Mischance · 10/01/2024 09:27

He needs to talk with his tutor or counseling service at uni. They will know the local services and also have done all this before - supporting young people with mental health problems.

What a worry for you.

simplynot · 10/01/2024 20:25

Thanks for your replies.

Sorry that your DS is struggling as well @TreesWelliesKnees It's so difficult when they're away - before Xmas I didn't want to text / call too much in case it made him feel worse but I've realised that he likes to be in touch with home. I also say to him that lots of students feel like he does, they just hide it well. Big step for them being away from home, with strangers.
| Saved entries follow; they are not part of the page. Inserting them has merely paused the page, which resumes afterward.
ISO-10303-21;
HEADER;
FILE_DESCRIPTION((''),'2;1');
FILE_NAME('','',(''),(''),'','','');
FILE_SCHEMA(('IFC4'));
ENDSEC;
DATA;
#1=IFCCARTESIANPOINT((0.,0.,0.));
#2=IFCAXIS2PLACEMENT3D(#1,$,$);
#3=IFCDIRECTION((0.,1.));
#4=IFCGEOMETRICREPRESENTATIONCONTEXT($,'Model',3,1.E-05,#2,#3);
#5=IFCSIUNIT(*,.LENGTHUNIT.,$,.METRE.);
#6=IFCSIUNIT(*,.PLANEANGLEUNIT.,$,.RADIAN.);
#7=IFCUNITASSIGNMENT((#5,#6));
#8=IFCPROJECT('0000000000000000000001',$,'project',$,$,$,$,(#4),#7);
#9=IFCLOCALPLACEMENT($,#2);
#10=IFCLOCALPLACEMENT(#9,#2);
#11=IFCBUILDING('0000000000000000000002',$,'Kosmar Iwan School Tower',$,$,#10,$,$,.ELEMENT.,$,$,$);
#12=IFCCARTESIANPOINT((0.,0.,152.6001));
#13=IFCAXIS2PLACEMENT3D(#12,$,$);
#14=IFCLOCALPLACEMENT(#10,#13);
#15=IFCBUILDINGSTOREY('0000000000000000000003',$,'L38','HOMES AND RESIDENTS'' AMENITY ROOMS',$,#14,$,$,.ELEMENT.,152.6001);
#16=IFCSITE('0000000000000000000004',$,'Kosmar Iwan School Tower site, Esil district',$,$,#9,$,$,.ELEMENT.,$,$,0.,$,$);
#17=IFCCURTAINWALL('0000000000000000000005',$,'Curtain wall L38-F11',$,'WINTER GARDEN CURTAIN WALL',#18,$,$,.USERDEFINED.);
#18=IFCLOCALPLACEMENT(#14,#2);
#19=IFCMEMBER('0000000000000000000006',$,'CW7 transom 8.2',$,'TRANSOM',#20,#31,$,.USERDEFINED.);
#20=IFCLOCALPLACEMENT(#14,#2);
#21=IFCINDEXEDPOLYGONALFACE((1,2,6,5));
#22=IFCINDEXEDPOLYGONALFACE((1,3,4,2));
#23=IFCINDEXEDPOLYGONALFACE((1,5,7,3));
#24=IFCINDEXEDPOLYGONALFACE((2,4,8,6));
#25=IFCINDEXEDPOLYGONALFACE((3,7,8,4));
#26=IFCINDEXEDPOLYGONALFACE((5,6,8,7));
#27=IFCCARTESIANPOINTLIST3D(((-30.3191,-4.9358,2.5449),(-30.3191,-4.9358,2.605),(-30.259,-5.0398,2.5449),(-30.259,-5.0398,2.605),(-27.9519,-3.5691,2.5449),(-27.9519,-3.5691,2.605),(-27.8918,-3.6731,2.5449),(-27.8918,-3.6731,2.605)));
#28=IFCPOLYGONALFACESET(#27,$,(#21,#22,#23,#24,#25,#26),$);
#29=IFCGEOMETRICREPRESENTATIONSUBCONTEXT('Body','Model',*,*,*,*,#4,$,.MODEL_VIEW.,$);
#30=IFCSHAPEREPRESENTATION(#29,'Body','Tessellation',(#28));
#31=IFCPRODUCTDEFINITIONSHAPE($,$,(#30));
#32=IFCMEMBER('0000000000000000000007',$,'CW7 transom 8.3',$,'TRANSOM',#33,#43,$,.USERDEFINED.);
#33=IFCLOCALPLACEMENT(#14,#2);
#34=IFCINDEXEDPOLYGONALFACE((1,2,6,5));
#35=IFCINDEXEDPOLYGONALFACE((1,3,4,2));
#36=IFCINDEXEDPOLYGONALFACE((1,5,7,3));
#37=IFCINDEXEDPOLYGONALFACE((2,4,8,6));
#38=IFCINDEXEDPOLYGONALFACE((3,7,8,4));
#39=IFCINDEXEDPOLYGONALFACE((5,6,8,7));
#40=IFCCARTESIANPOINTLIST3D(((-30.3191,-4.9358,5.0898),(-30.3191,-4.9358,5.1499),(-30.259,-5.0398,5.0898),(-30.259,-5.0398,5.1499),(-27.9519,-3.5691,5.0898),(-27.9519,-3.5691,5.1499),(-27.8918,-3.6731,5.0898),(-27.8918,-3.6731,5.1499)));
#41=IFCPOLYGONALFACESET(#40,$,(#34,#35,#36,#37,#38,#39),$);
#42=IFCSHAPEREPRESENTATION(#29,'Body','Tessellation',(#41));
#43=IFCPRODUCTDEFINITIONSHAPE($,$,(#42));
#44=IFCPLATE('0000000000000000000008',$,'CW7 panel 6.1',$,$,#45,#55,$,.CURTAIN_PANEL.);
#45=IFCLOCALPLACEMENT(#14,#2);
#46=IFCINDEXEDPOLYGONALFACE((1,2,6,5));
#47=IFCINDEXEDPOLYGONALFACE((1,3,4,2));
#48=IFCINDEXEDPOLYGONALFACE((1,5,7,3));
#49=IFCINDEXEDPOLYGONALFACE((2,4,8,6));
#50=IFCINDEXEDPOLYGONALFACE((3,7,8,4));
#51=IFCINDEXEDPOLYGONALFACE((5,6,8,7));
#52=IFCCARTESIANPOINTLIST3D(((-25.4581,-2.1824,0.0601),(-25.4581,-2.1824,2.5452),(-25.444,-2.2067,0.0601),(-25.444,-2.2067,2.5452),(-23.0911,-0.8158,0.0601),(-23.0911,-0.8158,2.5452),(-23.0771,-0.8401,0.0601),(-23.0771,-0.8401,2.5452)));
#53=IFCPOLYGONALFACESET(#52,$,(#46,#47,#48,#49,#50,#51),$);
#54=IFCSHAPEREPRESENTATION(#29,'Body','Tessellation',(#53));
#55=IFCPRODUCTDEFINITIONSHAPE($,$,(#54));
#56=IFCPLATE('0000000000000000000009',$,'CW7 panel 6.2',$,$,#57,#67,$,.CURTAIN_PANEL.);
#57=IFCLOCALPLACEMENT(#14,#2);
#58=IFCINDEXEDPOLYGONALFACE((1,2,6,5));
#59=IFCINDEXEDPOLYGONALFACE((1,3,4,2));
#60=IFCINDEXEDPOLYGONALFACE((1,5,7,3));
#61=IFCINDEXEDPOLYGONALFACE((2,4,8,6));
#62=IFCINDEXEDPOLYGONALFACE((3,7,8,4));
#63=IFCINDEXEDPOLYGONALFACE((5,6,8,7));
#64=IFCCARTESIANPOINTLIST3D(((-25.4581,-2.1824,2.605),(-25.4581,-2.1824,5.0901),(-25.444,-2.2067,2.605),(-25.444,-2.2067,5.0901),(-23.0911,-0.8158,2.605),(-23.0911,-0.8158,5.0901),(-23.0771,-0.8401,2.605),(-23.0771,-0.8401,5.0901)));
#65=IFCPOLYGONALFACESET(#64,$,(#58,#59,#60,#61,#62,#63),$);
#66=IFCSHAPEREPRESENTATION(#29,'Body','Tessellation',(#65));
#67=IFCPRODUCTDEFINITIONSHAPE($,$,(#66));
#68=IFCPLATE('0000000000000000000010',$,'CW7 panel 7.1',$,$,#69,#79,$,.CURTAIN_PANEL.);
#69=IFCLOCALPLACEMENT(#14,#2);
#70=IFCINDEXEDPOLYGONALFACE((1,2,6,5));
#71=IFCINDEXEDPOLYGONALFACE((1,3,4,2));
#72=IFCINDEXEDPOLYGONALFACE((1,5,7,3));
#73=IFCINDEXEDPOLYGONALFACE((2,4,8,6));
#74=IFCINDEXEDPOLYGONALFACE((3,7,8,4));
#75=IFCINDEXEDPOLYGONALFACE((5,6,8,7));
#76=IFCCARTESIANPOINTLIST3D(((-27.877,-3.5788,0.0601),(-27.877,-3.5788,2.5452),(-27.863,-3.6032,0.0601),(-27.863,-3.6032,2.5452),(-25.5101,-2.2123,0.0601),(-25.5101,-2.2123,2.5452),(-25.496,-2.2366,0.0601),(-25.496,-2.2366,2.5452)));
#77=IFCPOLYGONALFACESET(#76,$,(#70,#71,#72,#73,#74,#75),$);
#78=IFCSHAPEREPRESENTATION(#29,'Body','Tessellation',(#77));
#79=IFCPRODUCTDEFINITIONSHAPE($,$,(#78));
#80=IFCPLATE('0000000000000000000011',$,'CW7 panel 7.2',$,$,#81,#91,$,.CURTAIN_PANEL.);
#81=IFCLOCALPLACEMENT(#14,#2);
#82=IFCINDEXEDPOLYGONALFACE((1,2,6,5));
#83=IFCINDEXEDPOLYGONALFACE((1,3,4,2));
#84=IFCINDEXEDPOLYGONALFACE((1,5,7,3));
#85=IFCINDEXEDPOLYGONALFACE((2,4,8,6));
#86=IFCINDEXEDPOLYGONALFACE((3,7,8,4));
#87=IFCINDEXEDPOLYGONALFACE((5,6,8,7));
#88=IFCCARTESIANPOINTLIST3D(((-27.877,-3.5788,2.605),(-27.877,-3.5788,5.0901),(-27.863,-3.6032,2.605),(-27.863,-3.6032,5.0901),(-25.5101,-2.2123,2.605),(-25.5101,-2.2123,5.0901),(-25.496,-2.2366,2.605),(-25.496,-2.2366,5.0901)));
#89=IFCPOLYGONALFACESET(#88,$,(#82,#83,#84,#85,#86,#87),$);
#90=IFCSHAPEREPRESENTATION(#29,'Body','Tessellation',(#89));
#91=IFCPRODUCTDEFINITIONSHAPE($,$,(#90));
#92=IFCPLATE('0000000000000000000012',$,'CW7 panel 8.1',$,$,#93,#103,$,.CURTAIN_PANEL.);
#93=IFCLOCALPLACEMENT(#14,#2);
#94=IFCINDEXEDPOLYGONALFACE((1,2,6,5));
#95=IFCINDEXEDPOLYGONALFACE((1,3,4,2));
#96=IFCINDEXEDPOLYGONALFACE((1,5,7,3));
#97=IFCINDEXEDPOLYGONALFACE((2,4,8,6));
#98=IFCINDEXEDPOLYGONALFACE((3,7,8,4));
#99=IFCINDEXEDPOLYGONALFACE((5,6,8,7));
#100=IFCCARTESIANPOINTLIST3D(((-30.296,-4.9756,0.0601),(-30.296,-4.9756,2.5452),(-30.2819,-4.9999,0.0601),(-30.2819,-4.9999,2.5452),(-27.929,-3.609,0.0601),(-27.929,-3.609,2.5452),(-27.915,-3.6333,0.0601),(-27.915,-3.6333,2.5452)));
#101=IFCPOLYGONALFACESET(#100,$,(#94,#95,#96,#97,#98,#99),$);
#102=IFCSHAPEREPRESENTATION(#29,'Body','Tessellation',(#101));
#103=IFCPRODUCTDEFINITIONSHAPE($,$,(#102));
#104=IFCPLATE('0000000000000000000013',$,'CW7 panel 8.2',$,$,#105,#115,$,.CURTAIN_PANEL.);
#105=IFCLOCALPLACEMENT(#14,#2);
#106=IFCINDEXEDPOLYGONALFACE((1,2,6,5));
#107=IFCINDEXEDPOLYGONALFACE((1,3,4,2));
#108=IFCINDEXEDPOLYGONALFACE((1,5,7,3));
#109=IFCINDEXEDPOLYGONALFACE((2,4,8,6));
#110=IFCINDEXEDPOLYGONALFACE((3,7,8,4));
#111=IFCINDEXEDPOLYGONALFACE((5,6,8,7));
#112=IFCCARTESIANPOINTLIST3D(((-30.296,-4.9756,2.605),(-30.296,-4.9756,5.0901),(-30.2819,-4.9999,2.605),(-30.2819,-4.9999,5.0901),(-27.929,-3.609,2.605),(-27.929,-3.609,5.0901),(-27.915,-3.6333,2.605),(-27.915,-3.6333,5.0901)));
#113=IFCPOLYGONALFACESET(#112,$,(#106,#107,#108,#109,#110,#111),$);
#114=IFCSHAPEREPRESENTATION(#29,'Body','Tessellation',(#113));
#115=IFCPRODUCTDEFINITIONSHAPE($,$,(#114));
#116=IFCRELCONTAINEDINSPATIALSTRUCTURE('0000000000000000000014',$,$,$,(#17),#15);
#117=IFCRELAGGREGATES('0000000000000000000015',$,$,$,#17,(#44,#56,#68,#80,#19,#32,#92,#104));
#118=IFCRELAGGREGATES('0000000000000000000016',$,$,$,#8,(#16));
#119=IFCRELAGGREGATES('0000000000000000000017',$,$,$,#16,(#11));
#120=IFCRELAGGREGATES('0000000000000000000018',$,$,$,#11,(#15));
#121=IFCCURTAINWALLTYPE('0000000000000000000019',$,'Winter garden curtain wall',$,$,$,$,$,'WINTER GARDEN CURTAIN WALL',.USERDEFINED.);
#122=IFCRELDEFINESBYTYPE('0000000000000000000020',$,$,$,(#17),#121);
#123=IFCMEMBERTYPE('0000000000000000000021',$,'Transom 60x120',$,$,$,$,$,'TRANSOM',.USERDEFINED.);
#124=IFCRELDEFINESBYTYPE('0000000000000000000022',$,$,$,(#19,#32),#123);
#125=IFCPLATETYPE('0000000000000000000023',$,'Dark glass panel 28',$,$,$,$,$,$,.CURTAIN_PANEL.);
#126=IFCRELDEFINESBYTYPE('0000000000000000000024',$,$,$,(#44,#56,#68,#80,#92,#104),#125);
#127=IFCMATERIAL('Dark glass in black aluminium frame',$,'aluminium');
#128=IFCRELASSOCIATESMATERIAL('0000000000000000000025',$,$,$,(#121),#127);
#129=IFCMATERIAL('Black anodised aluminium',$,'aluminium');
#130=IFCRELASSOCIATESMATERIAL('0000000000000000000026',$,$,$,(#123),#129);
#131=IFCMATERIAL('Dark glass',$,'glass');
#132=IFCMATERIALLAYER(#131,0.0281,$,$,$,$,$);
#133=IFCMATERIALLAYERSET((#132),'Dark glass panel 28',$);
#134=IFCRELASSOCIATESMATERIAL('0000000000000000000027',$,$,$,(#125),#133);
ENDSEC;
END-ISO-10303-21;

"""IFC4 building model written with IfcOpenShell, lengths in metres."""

from ifc_helpers import new_model, si_unit, direction, frame, origin, origin_2d, place, context, subcontext, project, spatial, rectangle, extrude, material, layer, layer_set, material_profile, profile_set, type_object, element, aggregate, save


model = new_model("IFC4")

# Units and contexts
model_context = context("Model", 3, precision=1e-05, world=origin(), true_north=direction((0.0, 1.0)))
body_context = subcontext(model_context, "Body", "Model", "MODEL_VIEW")
ifc_project = project(units=[si_unit("LENGTHUNIT", "METRE"), si_unit("PLANEANGLEUNIT", "RADIAN")], contexts=[model_context])

# Site, building, storey
site_placement = place(None, origin())
site = spatial("IfcSite", under=ifc_project, at=site_placement, Name="Kosmar Iwan School Tower site, Esil district", CompositionType="ELEMENT", RefElevation=0.0)
building_placement = place(site_placement, origin())
building = spatial("IfcBuilding", under=site, at=building_placement, Name="Kosmar Iwan School Tower", CompositionType="ELEMENT")
storey_placement = place(building_placement, frame((0.0, 0.0, 152.6001)))
storey = spatial("IfcBuildingStorey", under=building, at=storey_placement, Name="L38", Description="HOMES AND RESIDENTS' AMENITY ROOMS", CompositionType="ELEMENT", Elevation=152.6001)

# Curtain wall
ifc_material_1 = material(Name="Dark glass in black aluminium frame", Category="aluminium")
curtain_wall_type = type_object("IfcCurtainWallType", Name="Winter garden curtain wall", ElementType="WINTER GARDEN CURTAIN WALL", PredefinedType="USERDEFINED", material=ifc_material_1)
curtain_wall_placement = place(storey_placement, origin())
curtain_wall = element("IfcCurtainWall", 1, at=curtain_wall_placement, inside=storey, type_object=curtain_wall_type, Name="Curtain wall L38-F11", ObjectType="WINTER GARDEN CURTAIN WALL", PredefinedType="USERDEFINED")

# Members
ifc_material_2 = material(Name="Black anodised aluminium", Category="aluminium")
ifc_material_profile_1 = material_profile(ifc_material_2, rectangle(XDim=0.1201, YDim=0.0601, at=origin_2d()), Name="TRANSOM 60x120")
ifc_profile_set_1 = profile_set([ifc_material_profile_1], Name="Black anodised aluminium")
member_type_1 = type_object("IfcMemberType", Name="Transom 60x120", ElementType="TRANSOM", PredefinedType="USERDEFINED", material=ifc_profile_set_1)
member_1_placement = place(storey_placement, frame((-27.9219, -3.6211, 2.575), z_axis=(-0.866025, -0.500001, 0.0), x_axis=(0.500001, -0.866025, 0.0)))
member_1 = element("IfcMember", 2, at=member_1_placement, type_object=member_type_1, Name="CW7 transom 8.2", ObjectType="TRANSOM", PredefinedType="USERDEFINED", context=body_context, shape_type="SweptSolid", body=[
    extrude(rectangle(XDim=0.1201, YDim=0.0601, at=origin_2d()), origin(), (0.0, 0.0, 1.0), 2.7334),
])
member_2_placement = place(storey_placement, frame((-27.9219, -3.6211, 5.1199), z_axis=(-0.866025, -0.500001, 0.0), x_axis=(0.500001, -0.866025, 0.0)))
member_2 = element("IfcMember", 3, at=member_2_placement, type_object=member_type_1, Name="CW7 transom 8.3", ObjectType="TRANSOM", PredefinedType="USERDEFINED", context=body_context, shape_type="SweptSolid", body=[
    extrude(rectangle(XDim=0.1201, YDim=0.0601, at=origin_2d()), origin(), (0.0, 0.0, 1.0), 2.7334),
])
I will ask him to talk to the uni MH services, even if they're busy, and I'll help him with GP and going privately if possible. At least he is talking to me and he says I help so that's a good thing. Still a big worry though.

OP posts:
Squiggles23 · 13/01/2024 20:18

Hi Op,

I think uni services sound ideal as they will have lots of experience of students in the same boat. Also in theory there should be good support (compared to NHS etc).

Has he been to GP to consider medication? There are things which can help and sometimes it does make a big difference.

Otherwise the basics: getting enough sleep, getting outside, exercising, eating well, not drinking too much - are probably all things which go out the window at uni. What helps about being at home? Is it the comforts or seeing you? As having a visit planned might help.

Could also be a struggle around winter and the dark, short days with shite weather.

X

Mgup · 14/01/2024 08:29

Morning

Is there any chance of him switching to another uni closer to home so that you could keep an eye on him, but he still gets to finish his course?